Brief Outline of the History of the 472nd [963rd] Engineer Maintenance Company

Introduction


In writing the history of this organization, we will not mention the routine duties of any individual, though very deserving and of the utmost importance. Since the history is being written in Tokyo, Japan and publication facilities are limited, and stencils difficult to obtain, we will limit the discussion to the major events; for the same reason we cannot give the credit that is due the personnel and officers. If words alone could tell the story of 30 months in Guadal Canal S.I. Or 21 months at Espirito Santos N.H., where work under pressure and tropical heat, to say nothing of the numerous skin disease, jungle rot, and insects, adding to the discomfort if then words could tell the story, we would make every effort to do so; however, one can only feel such things from actual experience, and since this short history is being written primarily for the personnel of the 472nd Engineer Maintenance Company, we will not dwell much on personalities; for we know their modesty and they do not ask for praise. Nor do we write this history to attract applause or ask for laurels. This in only the ungarnished truth, told simply, not by expert writers, but we hope that we can at least put down on paper a little of the spirit and fellowship; which can only exist under the most extreneous conditions, where men from all walks of life are brought together fighting for the same end for the same principles.

The 472nd Engineer Maintenance Company was originally scheduled to operate as a mobile shop; however, due to the sizes of the small islands in the Pacific, it operated both as a mobile and stationary unit.
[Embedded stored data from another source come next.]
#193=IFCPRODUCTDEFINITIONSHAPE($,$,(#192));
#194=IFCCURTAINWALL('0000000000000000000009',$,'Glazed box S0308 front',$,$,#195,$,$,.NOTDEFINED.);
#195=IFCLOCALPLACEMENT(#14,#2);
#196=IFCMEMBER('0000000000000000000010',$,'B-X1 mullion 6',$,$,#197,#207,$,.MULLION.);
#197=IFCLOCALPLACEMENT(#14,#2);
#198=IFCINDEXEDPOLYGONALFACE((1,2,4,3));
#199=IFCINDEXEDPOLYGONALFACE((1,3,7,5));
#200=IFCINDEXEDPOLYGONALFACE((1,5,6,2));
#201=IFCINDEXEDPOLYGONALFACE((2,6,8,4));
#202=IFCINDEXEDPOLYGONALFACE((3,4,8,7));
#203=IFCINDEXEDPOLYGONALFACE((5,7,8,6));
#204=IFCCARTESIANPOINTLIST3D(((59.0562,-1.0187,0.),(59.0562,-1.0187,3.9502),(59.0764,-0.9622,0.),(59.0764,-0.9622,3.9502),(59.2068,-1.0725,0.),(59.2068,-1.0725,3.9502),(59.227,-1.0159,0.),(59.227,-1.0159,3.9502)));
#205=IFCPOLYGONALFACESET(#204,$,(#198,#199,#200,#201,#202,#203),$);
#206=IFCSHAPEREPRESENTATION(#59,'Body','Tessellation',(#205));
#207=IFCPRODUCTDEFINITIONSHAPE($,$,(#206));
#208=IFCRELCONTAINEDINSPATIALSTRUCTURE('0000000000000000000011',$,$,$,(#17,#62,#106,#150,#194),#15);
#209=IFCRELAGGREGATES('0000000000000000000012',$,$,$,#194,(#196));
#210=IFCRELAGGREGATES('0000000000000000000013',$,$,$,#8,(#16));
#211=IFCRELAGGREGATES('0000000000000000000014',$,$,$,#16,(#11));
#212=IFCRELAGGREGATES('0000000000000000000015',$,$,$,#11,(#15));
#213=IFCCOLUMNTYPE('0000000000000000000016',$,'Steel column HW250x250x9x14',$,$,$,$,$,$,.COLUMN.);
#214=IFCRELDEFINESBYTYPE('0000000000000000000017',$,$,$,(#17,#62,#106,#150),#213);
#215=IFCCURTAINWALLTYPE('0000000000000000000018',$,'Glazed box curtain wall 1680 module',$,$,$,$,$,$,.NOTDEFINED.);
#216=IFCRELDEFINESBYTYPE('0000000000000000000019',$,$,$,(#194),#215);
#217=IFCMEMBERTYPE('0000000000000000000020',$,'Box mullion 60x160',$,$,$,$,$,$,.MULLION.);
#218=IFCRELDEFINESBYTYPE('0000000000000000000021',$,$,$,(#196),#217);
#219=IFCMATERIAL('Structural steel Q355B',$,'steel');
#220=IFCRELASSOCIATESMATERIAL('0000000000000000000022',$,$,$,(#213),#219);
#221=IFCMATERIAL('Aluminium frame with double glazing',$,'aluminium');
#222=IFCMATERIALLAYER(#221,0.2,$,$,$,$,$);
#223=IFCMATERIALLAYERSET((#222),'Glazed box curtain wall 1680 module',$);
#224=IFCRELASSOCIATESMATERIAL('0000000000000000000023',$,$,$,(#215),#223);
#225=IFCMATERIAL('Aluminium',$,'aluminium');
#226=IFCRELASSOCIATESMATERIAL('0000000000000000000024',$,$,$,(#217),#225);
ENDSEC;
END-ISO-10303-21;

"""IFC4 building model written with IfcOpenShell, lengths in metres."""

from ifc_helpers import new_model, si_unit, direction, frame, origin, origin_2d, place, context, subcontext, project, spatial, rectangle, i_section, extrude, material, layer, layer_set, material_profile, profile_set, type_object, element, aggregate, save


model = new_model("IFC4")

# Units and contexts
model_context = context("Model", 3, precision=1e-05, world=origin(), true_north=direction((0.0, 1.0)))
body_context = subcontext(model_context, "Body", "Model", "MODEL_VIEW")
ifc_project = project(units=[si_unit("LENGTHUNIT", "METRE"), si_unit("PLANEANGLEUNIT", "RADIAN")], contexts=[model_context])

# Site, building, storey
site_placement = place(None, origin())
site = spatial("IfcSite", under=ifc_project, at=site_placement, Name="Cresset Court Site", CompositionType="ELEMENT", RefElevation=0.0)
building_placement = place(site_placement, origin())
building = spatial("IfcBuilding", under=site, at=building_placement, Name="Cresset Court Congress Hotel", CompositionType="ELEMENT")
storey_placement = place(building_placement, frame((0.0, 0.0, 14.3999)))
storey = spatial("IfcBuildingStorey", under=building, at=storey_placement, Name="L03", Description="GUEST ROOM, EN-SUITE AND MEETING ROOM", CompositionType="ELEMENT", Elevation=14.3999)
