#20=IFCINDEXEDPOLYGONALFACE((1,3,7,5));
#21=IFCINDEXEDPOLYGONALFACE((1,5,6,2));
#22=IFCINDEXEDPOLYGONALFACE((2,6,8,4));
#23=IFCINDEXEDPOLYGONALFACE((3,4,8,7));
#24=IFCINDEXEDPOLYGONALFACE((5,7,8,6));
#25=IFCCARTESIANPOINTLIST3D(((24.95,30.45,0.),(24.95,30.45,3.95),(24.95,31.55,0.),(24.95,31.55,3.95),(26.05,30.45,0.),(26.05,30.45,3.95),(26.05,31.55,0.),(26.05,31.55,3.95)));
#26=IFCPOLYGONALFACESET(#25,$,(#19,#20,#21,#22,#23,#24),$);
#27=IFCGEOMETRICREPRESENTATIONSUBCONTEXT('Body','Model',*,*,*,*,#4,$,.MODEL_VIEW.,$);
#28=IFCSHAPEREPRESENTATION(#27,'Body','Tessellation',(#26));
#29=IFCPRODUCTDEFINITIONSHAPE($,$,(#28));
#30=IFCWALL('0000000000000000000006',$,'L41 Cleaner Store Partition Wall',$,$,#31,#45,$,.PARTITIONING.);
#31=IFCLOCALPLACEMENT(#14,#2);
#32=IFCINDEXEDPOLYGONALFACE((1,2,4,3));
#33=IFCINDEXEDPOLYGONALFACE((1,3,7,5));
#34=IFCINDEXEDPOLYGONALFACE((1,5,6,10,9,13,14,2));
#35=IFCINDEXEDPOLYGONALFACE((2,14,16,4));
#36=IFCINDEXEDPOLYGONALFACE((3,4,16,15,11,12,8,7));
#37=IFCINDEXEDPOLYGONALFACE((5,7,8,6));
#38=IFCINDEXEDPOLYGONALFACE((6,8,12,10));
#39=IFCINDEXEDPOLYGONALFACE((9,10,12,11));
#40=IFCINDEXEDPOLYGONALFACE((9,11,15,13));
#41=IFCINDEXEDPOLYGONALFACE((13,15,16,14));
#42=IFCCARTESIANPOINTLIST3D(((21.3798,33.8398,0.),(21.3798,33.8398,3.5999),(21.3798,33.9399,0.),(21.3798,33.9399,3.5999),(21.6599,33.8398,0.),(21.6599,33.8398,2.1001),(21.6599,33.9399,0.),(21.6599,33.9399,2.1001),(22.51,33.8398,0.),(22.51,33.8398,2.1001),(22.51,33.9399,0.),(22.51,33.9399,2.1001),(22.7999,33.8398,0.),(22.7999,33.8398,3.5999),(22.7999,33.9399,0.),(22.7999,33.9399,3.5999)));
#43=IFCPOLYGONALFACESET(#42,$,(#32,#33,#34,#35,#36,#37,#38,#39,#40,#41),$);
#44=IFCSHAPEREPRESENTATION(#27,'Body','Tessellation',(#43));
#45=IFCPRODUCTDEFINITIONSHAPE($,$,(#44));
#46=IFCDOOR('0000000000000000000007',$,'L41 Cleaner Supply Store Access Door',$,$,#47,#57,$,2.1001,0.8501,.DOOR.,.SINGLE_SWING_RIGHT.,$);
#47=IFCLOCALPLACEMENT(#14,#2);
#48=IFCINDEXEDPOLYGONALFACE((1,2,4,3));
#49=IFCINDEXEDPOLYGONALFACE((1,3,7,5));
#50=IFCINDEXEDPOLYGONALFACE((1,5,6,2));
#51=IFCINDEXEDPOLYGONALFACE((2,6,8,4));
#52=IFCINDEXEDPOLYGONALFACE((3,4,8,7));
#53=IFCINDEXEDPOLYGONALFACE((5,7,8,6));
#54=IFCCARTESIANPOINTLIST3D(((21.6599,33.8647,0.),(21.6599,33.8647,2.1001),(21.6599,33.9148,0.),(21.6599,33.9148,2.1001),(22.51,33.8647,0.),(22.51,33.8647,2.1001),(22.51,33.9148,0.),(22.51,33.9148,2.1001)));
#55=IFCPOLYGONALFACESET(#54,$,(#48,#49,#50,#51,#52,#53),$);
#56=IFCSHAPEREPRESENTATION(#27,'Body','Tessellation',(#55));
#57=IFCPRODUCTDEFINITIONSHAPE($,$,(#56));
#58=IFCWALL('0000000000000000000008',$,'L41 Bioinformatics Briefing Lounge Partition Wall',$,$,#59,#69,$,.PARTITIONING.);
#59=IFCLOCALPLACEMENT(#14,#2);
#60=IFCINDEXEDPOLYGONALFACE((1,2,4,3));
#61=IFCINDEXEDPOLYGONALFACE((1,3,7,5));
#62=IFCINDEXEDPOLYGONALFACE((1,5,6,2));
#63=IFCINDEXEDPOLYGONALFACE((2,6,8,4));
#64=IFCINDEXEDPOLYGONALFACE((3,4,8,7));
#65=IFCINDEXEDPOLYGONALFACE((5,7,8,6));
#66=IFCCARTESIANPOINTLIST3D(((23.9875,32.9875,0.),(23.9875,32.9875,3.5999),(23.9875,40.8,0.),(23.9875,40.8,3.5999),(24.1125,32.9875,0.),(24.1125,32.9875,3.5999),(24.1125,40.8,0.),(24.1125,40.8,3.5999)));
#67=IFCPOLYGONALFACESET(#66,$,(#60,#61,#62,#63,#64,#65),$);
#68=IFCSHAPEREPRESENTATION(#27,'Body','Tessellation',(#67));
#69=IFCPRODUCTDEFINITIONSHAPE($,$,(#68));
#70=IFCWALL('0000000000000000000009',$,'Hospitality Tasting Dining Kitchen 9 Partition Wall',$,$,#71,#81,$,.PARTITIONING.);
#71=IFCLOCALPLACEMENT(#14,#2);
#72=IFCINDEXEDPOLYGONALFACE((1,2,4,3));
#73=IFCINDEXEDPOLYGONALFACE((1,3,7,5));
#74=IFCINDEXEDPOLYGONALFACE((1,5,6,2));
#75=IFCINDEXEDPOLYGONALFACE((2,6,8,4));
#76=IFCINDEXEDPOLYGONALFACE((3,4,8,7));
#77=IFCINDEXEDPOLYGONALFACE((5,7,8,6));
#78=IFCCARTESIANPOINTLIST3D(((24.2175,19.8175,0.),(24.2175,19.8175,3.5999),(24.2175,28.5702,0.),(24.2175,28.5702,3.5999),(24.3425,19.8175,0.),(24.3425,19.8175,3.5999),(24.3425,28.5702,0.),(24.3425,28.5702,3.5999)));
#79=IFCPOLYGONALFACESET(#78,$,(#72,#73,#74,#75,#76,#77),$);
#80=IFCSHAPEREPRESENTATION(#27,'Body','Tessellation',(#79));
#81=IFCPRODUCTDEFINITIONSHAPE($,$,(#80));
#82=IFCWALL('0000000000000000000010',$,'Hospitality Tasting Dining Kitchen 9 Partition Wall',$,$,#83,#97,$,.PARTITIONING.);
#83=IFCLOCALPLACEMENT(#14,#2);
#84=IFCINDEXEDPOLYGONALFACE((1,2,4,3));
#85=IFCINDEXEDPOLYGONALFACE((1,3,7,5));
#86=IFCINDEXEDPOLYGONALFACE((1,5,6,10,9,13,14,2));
The organization was activated April 10, 1942 at Camp Shelby, Mississippi, at that time it was attached to the 34d Army. From Camp Shelby, Miss. It moved to Fort Ord, California, and on October 1, 1942 it moved to Camp Stoneman, California. On Oct. 6th, 1942 it left Camp Stoneman and boarded the U.S.S. Rochambeau October 19th 1942. On October 20th, the organization embarked for overseas duty.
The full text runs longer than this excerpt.